How do music editors indicate changes they've made to a score?

Sometimes an editor will make musically meaningful changes to a score, such as

  • Adding markings the editor believes were omitted by the composer or previous editors;
  • Modifying notes the editor believes were errors or omissions from previous editions;
  • Including markings where there are multiple possibilities based on earlier editions and where a definitive answer is not available;
  • The editor's interpretive opinion.

Such markings can lead to confusion and, thus, to questions here on SE Music Practice and Theory. The purpose of (the answers to) this question is to provide a hub linkage point for questions that stem from editorial score emendations.

Related questions

  • 2
    I think it varies by publisher. Some don’t even give any clues to the changes that have made, which are sometimes significant. Sep 5, 2020 at 3:45
  • 1
    @ToddWilcox Maybe I should rephrase. "How do responsible music editors ..." :-)
    – Aaron
    Sep 5, 2020 at 5:23
  • Is the intention to have one answer per method of indication?
    – texdr.aft
    Nov 4, 2020 at 20:38
  • @texdr.aft Not my intention per se, but that might be a nice way to organize things. Maybe one answer per related set of editorialisms? Some sort of balance between one super long answer and a tsunami of short answers.
    – Aaron
    Nov 5, 2020 at 5:07
  • I always remember a member of a quite well known string quartet saying to me: "Its the editors job to change what the composer wrote." Gave me a new view on different editions of music.
    – JimM
    Feb 18, 2021 at 12:20

1 Answer 1


Many editors do not mark their emendations; often one must compare a given text with an "urtext" or "original edition" (not necessarily the same) or even a facsimile of the composer's notebook.

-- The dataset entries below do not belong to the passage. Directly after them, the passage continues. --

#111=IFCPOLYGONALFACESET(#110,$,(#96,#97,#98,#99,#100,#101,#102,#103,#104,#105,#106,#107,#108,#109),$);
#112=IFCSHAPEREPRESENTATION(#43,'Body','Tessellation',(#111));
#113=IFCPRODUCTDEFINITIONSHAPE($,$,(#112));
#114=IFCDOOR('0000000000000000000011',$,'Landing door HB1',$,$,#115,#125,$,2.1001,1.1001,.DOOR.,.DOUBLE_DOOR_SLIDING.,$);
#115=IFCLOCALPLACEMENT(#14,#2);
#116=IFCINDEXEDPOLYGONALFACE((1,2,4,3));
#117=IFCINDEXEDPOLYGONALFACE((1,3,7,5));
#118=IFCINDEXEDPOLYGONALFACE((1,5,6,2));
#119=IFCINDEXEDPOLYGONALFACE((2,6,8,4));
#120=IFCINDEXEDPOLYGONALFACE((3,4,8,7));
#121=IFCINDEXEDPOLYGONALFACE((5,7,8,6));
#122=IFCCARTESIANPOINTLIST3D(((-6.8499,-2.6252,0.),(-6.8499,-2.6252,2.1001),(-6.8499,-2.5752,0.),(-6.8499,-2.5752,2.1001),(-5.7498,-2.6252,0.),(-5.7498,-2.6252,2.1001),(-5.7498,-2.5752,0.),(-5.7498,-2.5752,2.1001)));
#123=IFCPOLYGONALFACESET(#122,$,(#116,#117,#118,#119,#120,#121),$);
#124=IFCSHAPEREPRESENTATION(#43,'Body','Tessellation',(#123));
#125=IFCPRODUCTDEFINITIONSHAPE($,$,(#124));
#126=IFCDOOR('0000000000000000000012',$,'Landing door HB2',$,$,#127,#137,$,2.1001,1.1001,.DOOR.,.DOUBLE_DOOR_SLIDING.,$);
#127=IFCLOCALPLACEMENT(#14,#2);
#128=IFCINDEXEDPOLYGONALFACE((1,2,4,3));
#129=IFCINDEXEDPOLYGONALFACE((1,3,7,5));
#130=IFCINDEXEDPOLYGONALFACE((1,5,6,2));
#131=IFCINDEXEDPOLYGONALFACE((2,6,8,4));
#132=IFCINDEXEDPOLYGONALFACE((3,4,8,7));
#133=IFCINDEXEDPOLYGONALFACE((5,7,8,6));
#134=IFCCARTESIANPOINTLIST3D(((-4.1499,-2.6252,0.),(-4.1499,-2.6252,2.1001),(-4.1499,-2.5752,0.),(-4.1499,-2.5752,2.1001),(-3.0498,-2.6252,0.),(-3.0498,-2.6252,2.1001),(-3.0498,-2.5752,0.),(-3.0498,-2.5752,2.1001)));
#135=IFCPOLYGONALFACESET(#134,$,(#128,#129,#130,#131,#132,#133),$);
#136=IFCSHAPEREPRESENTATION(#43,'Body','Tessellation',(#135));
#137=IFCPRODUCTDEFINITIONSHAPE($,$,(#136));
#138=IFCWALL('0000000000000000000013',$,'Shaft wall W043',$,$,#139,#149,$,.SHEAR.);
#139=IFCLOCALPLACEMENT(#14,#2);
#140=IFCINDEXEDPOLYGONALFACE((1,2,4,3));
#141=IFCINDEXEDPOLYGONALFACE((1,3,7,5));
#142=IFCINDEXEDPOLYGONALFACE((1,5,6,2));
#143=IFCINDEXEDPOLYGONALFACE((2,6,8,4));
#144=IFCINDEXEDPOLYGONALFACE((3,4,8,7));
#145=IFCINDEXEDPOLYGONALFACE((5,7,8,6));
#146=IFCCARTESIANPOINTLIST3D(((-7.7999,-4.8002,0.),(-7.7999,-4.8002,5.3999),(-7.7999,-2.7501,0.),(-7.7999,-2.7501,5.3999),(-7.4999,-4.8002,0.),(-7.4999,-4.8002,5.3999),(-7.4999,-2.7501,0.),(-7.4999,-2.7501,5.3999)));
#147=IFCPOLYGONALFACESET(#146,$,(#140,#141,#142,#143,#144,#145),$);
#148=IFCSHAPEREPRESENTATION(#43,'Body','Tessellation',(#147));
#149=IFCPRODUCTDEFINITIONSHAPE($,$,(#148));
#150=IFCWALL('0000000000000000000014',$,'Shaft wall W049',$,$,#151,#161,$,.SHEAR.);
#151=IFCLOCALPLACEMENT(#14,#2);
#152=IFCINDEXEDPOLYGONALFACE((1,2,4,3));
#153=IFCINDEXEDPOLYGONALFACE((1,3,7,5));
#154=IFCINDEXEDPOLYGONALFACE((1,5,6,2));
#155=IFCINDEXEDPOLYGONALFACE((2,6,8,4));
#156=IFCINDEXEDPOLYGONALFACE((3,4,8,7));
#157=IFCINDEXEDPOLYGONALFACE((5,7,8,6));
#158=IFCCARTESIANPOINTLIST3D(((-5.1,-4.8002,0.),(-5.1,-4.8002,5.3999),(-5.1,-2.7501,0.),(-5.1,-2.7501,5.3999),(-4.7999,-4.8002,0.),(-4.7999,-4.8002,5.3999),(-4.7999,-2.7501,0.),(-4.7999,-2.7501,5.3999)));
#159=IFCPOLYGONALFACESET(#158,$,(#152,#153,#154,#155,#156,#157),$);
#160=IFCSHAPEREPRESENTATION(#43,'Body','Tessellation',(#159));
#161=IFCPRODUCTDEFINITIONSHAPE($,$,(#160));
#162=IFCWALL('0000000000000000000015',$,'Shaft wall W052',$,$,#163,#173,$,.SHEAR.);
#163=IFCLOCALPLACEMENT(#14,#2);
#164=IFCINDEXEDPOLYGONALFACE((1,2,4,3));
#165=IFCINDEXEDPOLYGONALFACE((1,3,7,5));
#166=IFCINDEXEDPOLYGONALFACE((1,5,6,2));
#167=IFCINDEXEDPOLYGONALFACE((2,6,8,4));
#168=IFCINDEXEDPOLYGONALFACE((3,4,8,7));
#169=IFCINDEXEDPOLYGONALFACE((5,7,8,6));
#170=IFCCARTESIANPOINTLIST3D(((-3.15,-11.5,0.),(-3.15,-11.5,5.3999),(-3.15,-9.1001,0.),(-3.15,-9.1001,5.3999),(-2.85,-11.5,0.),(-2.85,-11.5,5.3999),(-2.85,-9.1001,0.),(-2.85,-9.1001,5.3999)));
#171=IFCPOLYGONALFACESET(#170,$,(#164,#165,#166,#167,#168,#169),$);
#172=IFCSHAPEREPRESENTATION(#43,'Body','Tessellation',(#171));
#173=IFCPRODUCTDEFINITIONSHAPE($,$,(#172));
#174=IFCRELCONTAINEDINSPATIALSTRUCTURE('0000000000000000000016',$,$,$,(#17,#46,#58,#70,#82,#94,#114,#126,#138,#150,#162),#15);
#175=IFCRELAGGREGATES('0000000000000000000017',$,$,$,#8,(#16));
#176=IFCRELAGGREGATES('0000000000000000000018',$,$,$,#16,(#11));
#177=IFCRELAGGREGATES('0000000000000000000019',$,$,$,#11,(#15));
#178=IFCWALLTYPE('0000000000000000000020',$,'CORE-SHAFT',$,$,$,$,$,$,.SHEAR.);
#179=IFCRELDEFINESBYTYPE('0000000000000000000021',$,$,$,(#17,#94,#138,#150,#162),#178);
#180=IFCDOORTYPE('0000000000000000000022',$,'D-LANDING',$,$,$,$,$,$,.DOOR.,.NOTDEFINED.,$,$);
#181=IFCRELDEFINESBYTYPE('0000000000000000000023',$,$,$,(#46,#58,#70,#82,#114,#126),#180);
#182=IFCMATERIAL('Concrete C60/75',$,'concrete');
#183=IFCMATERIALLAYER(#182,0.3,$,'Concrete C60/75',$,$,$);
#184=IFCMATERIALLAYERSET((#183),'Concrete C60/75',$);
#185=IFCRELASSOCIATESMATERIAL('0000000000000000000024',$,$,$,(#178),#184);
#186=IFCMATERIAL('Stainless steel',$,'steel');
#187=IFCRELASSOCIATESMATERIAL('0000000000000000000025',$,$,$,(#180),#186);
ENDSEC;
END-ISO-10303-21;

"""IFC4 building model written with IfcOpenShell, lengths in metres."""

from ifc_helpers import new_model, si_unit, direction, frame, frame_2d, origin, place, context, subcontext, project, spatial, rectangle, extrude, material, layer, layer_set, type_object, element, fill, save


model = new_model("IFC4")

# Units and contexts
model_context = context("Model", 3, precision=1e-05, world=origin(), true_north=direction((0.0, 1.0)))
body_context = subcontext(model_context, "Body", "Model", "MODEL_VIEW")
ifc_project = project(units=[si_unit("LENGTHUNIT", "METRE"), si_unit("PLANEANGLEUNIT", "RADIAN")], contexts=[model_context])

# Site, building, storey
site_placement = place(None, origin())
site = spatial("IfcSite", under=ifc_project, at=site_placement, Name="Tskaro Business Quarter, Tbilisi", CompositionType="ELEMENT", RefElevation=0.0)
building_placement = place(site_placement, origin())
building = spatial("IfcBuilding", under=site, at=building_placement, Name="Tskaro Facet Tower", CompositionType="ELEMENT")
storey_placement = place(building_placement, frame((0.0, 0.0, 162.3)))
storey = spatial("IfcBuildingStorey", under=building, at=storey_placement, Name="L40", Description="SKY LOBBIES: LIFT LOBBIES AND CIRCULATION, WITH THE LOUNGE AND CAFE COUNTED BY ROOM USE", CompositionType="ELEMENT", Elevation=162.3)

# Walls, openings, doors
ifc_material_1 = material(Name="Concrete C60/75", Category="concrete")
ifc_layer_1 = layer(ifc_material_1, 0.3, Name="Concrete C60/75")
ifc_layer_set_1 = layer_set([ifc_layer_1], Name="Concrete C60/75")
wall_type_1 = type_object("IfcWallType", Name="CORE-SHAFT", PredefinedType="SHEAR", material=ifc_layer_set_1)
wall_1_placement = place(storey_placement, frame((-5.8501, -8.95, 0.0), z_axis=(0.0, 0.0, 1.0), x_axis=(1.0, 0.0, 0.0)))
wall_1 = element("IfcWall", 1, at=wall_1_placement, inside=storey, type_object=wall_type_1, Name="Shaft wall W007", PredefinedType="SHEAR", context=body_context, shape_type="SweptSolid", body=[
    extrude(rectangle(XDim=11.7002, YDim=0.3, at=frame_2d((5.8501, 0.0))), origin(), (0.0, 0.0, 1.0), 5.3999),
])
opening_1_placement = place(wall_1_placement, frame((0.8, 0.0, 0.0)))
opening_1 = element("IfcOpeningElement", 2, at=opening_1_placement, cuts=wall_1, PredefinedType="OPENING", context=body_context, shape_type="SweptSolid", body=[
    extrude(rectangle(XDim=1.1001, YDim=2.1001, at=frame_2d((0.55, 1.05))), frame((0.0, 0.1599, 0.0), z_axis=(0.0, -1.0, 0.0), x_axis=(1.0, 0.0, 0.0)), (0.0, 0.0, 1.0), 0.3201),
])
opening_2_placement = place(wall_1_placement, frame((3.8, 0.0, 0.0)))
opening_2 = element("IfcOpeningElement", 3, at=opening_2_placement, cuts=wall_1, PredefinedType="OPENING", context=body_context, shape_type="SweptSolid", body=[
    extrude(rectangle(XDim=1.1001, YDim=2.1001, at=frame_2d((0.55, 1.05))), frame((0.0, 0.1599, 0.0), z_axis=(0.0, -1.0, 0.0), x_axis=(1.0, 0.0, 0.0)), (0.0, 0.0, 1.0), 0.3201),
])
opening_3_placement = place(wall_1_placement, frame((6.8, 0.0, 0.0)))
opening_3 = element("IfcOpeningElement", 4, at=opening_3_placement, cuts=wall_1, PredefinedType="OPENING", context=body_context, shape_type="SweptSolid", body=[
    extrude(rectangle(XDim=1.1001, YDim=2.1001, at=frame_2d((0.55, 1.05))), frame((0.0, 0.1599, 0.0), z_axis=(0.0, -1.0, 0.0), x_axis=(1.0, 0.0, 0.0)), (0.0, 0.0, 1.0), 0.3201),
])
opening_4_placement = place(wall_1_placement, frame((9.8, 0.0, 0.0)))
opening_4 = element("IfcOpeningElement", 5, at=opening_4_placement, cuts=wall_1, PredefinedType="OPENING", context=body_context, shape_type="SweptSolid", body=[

In "good" editorial work, the editor's changes may be marked (an accidental enclosed in brackets rather than parentheses) or a dotted line or a different font from the main text. Different colors are nice but not always feasible. If the editor thinks the first edition is wrong (not uncommon), some explanation should be given.

Sometimes, the editor will have a preface (or foreword or author's note) explaining the procedures.

To some extent, you tread the minefield alone. If making a performance score for yourself, you can compare several editions as pointed out above. With modern computer software, you can prepare your own edition any way you wish. I would probably annotate my own annotations and try to highlight changes by color (perhaps blue or grey for text so as not to interfere with reading.)